Dès les années 1960, l’assèchement de la mer d’Aral commence. Les Soviétiques veulent changer les steppes du Kazakhstan et de l’Ouzbékistan en champs de coton et de blé. Ils exploitent une partie de la mer d’Aral pour irriguer ces cultures. Résultat, elle perd neuf dixième de sa surface en 1970.

Devant cette catastrophe écologique, un projet financé par la Banque mondiale entame la restauration de la mer d’Aral. Depuis 2005, elle remonte de six mètres chaque année. Mais il faudra encore attendre de nombreuses années pour remplir un lac salé qui s’étendait sur 67 300 km², soit deux fois la Belgique.

Lac Poopó (Bolivie)

Perché à 3700 mètres d’altitude, ce lac a complètement disparu depuis 2015. C’était le deuxième plus grand lac de Bolivie dans les années 1970.

Aujourd’hui, il n’en reste qu’un désert de 4 000 km², une faune morte et des habitations vides. La population a quitté les lieux car les ressources se raréfiaient. Le lac fut victime du manque de pluie sévère et des activités d’une centaine d’exploitations minières.

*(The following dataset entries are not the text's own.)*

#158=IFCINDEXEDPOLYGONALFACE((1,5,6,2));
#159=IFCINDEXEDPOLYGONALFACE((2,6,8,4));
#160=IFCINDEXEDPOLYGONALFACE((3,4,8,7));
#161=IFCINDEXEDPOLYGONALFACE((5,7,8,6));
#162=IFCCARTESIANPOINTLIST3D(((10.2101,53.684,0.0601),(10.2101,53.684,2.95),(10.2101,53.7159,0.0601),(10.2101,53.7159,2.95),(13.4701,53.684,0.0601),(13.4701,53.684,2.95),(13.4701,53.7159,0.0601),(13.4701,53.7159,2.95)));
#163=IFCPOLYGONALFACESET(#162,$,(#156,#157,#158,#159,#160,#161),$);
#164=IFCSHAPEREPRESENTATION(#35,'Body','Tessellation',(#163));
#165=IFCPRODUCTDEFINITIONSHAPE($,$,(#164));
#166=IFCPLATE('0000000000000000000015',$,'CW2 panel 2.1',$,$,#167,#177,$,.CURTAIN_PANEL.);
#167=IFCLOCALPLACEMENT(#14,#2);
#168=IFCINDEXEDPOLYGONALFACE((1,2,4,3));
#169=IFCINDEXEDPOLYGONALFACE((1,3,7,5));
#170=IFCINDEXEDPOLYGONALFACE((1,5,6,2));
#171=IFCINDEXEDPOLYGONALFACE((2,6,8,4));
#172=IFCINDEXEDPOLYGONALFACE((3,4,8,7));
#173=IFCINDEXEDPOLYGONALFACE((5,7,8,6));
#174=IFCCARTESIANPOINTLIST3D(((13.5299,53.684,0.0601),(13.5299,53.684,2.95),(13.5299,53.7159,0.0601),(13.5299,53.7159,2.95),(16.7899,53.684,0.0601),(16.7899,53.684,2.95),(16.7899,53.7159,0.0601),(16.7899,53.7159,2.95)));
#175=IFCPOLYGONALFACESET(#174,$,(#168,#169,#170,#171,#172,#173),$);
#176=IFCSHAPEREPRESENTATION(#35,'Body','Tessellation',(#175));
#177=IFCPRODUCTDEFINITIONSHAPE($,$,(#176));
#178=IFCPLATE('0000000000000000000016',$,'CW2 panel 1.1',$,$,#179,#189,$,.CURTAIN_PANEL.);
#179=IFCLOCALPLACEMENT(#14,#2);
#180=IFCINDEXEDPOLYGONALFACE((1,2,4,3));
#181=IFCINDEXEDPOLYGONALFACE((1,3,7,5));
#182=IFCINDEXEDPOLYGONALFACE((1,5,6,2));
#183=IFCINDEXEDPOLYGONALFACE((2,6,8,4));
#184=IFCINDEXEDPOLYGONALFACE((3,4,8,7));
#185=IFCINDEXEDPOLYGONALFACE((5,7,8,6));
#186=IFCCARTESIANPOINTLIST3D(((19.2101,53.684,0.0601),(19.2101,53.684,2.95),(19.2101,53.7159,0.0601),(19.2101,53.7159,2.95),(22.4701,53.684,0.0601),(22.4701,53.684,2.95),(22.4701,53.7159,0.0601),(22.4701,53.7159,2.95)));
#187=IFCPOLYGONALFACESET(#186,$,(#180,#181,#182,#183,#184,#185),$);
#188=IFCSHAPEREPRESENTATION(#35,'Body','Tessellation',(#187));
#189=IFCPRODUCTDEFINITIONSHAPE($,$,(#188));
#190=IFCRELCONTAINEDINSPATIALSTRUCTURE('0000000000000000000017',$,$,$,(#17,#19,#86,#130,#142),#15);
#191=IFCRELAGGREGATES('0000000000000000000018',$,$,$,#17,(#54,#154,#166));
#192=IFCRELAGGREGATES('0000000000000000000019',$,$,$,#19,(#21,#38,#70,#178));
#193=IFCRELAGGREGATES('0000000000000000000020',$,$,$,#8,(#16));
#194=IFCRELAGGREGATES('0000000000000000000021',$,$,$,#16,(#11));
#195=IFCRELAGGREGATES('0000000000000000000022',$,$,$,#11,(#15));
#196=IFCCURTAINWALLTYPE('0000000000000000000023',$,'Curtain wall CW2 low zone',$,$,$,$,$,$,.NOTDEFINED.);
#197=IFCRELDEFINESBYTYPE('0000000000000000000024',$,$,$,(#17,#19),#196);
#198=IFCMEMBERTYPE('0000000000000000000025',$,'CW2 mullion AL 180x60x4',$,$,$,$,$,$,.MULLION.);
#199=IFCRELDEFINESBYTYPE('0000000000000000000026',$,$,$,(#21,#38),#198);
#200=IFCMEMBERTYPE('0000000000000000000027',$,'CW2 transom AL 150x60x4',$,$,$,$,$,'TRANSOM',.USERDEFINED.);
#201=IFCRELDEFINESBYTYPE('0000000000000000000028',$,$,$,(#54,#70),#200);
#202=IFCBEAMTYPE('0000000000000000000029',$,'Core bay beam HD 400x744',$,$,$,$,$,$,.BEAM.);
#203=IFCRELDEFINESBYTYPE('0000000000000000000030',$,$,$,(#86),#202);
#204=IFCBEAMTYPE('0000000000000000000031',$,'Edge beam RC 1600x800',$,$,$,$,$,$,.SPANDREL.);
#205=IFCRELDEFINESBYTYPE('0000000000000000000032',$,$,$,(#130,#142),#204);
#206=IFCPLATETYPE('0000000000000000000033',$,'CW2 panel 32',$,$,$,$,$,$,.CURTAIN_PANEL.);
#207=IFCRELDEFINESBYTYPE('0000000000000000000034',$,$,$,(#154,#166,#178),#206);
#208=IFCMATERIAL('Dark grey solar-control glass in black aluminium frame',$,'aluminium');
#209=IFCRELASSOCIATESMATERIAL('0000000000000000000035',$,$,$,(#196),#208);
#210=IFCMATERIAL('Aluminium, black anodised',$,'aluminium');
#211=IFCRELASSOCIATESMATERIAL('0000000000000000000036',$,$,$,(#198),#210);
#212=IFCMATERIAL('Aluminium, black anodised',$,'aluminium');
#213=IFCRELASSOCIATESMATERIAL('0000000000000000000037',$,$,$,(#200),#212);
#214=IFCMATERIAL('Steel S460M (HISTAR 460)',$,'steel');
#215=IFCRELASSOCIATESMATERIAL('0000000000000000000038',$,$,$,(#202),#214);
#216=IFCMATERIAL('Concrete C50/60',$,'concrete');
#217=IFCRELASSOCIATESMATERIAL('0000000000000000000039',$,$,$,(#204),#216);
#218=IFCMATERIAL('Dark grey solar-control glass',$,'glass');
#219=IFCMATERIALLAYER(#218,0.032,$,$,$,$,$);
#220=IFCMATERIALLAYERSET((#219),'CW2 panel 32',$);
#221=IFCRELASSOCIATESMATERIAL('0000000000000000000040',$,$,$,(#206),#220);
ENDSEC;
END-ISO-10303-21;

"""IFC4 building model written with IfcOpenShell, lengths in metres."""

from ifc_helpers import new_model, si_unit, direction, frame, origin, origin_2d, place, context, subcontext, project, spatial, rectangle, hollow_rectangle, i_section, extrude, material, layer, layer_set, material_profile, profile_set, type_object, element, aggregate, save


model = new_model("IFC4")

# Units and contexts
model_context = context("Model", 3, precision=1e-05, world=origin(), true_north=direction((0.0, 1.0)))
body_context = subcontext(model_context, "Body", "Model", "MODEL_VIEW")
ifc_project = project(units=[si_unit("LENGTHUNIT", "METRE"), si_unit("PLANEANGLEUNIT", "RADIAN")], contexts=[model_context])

Mer Morte (Jordanie, Israël, Palestine)

La dégradation de la mer Morte a commencé dans les années 1960. Israël, la Jordanie et la Syrie avaient détourné le cours du Jourdain, sa source principale. Depuis, le niveau de la mer Morte a baissé de quarante mètres.

Pour résoudre ce problème, il faudrait que les pays concernés entretiennent des relations cordiales. Mais Israël et la Jordanie, malgré leur traité de paix, sont en froid. Et la guerre en Syrie n’arrange rien.

Lac Mead (Etats-Unis)

C’est l’un des plus gros réservoirs d’eau des Etats-Unis et la principale source potable de l’Arizona, de la Californie et du Nevada (dont Las Vegas à 90%). Le lac Mead est le résultat du barrage Hoover sur le fleuve du Colorado.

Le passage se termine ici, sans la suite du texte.